Deixaram, para trás, 260 mortos, mas não contentes com isso arrastaram centenas de sobreviventes que fizeram reféns em masmorras, onde muitos ainda se encontram desde Outubro de 2023.
A questão que se punha aos políticos de Israel passou a ser a seguinte: Como responder a mais este crime?
A pergunta não tem resposta fácil para ninguém. Muito menos para uma pessoa com as minhas capacidades.
Sei que os familiares das vítimas exigem, no mínimo, que os agressores tenham um fim pelo menos tão violento como o que deram os seus entes queridos.
Em suma, exigem vingança. No meu conceito, legitimamente.
Outros querem, dos responsáveis de um País que se quer democrático e respeitador dos Direitos Humanos, que tentem castigar os agressores, mas sem descer ao nível destes.
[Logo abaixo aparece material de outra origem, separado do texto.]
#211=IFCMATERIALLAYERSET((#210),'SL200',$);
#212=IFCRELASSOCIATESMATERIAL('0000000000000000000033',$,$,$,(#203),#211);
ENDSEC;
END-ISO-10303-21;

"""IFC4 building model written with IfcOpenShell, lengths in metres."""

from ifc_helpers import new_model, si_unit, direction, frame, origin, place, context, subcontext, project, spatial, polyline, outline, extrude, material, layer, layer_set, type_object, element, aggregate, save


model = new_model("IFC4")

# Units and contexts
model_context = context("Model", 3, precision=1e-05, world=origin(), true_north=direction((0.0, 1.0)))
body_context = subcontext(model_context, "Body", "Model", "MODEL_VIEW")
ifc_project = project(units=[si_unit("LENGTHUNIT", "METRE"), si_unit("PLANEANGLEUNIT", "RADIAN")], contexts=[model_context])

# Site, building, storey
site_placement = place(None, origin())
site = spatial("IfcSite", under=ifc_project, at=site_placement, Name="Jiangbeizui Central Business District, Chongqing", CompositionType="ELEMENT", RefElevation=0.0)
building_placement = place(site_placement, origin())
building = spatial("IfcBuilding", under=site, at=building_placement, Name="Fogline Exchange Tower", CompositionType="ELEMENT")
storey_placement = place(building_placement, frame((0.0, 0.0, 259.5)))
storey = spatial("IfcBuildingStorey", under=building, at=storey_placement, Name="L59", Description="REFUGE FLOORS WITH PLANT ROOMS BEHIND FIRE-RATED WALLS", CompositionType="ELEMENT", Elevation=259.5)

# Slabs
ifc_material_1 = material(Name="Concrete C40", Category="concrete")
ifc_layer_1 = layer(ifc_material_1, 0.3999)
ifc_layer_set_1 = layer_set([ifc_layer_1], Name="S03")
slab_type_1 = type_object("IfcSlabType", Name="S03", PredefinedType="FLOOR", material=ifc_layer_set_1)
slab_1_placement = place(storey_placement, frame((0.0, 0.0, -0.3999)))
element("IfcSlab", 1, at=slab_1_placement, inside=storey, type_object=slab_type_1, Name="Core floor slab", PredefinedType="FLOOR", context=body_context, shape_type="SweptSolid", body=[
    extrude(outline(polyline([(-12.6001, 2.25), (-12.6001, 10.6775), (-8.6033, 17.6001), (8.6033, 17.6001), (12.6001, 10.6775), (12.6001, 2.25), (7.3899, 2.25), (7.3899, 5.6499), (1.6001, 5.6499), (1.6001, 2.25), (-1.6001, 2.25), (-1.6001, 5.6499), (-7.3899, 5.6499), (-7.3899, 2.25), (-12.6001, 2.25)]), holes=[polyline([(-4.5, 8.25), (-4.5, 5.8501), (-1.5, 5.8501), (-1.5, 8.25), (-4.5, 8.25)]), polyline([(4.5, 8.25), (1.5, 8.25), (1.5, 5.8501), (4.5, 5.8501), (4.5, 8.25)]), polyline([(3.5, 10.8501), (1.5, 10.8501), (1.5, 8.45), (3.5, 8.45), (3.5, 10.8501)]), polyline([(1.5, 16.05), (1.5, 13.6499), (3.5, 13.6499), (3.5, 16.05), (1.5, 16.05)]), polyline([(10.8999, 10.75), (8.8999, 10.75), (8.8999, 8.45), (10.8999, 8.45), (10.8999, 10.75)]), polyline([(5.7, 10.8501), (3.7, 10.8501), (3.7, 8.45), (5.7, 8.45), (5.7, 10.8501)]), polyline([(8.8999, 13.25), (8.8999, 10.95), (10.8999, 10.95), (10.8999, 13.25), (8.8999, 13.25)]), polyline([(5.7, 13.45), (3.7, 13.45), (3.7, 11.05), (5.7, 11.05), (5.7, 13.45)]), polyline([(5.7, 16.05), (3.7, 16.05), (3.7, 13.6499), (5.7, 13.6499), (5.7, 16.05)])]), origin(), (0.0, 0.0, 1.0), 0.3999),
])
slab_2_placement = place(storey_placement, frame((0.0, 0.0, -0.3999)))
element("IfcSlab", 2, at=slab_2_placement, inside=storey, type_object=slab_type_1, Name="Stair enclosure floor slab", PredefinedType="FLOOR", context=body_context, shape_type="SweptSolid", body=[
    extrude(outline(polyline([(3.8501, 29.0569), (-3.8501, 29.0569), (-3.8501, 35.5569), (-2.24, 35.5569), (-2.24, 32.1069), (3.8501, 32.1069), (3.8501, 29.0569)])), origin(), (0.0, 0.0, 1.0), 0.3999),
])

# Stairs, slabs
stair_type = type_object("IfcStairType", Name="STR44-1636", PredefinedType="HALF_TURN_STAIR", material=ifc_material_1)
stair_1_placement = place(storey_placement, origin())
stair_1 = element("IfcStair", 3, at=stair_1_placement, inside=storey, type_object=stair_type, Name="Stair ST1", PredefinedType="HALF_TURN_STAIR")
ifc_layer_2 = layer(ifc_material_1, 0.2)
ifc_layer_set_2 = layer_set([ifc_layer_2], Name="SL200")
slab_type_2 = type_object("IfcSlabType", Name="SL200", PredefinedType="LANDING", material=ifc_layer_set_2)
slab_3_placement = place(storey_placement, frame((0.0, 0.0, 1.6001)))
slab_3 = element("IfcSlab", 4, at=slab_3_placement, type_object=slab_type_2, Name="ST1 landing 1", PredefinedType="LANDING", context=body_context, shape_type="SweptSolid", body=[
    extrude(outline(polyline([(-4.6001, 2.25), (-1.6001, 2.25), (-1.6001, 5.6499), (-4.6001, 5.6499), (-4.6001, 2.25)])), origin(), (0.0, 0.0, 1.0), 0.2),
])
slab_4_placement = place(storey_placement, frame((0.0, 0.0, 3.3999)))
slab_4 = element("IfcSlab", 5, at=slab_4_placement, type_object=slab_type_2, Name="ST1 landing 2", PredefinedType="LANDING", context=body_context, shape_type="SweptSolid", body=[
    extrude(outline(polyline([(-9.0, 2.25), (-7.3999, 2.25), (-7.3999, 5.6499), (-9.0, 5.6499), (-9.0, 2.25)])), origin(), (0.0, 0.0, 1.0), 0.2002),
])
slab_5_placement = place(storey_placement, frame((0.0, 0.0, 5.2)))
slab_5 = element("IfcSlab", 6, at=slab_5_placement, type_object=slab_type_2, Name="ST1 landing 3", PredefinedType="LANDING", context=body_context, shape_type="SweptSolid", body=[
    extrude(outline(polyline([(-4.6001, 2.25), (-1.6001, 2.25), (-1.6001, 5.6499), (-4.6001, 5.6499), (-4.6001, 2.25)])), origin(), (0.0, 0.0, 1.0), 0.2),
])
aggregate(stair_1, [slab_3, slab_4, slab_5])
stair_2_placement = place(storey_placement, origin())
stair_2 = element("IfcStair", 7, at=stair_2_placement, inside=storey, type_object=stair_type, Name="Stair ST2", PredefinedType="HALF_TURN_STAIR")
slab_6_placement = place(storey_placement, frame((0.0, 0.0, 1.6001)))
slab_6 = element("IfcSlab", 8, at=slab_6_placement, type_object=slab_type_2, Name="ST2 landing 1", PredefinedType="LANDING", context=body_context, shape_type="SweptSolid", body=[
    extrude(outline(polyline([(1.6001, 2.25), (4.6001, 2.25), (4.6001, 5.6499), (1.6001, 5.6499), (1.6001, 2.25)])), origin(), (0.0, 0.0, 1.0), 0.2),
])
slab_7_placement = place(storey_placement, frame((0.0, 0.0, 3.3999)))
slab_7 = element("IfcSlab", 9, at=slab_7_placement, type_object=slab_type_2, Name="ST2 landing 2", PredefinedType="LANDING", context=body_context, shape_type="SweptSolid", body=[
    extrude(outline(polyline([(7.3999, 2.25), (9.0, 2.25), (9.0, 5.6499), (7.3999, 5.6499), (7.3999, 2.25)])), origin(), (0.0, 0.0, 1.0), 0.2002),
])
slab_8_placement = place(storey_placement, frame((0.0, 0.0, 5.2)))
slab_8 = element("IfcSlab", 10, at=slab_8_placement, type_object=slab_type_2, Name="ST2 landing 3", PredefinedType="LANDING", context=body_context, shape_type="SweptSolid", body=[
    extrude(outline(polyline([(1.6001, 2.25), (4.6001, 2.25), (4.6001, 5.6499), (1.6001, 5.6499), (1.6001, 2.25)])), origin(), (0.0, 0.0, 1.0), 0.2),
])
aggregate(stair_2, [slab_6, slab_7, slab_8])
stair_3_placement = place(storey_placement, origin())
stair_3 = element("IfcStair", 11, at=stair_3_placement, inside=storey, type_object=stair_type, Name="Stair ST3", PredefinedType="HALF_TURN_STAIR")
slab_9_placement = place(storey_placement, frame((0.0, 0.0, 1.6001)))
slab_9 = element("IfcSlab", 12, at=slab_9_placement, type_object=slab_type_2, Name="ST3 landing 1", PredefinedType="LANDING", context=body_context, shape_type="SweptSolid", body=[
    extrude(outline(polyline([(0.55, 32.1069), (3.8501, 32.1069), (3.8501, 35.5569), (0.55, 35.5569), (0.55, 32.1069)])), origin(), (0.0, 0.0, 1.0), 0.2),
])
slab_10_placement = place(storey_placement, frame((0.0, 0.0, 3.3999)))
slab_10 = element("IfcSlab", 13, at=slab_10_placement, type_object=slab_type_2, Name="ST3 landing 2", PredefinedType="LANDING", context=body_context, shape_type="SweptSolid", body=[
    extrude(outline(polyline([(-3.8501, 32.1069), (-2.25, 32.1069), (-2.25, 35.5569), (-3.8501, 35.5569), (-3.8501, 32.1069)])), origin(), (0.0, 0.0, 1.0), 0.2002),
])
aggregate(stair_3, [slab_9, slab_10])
Em suma, pedem Justiça. No meu conceito, com razão.
Perante isto o que poderia Benjamin Netanyahu fazer?
Como prender os assassinos que invadiram o seu país, massacraram quase três centenas de pessoas inocentes e raptaram outras centenas, se aqueles regressaram para as suas terras onde têm o apoio de milhares de habitantes dispostos, muitos deles, a defendê-los com armas na mão?
Os familiares das vítimas exigiam que houvesse uma retaliação sem paralelo, não só contra os que tinham cometido “este” crime mas contra todos os que seguem, há anos, a mesma linha, não só porque ou já tinham cometido outros idênticos ou estavam a ser treinados para cometer novos atentados.
A justificação que usam, é simples: se não querem seguir as regras internacionais, não ligando à Justiça, então só restará a Vingança.
Alguns, mais comedidos, chamavam a atenção para o facto destes terroristas (porque é esse o nome que lhes corresponde) não respeitarem, sequer, o seu Povo e o usarem como escudo.
O que levaria a que as forças de Israel acabassem por matar, nos seus ataques, muitos inocentes.
Ou seja, a cometer os mesmos crimes pelos quais pretendiam castigar os seus adversários e, por consequência, poderem passar a ser rotulados, também eles, de terroristas.
Não havia uma terceira hipótese.
A Justiça, como a conhecemos, dificilmente seria conseguida neste caso. Até porque, ainda que se prendessem todos os que entraram em Israel naquele dia fatídico, os grandes responsáveis ficariam livres e a treinar novos atacantes.
Por sua vez, a Vingança criaria, como acabou por criar, novos adversários, novos inimigos, perante a imagem de ataques indiscriminados com milhares de civis de todas as idades, assassinados pelas forças de Israel que vão deixando, atrás de si, cidades arrasadas e criando um caos absoluto.
Sabemos de alguns heróis (Gandhi, Mandela, etc.) que souberam responder a todas as violências com atitudes que ficaram como marcas na História Mundial.
Netanyahu optou por outra via.
Deixo-lhe as sábias palavras do nosso grande Mestre Agostinho da Silva:
“Não te poderás considerar um verdadeiro intelectual se não puseres a tua vida ao serviço da justiça; e sobretudo se te não guardares cuidadosamente do erro em que se cai no vulgo: o de a confundir com vingança.
A justiça há-de ser, para nós, amparo criador, consolação e aproveitamento de forças que andam transviadas; há-de ter por princípio e por fim o desejo de uma Humanidade melhor; há-de ser forte e criadora; no seu grau mais alto não a distinguiremos do Amor.”
Não queria estar no lugar do líder de Israel.
Custa-me que ele mantenha a intenção de prosseguir nesta linha de vingança.
Com alguma dificuldade entendo que ele considere a vingança como única alternativa, principalmente enquanto recordar as imagens de Outubro de 2023.
Todavia, e sabendo que tal não teria, para ele, a mais pequena importância, nunca lhe apertaria a mão.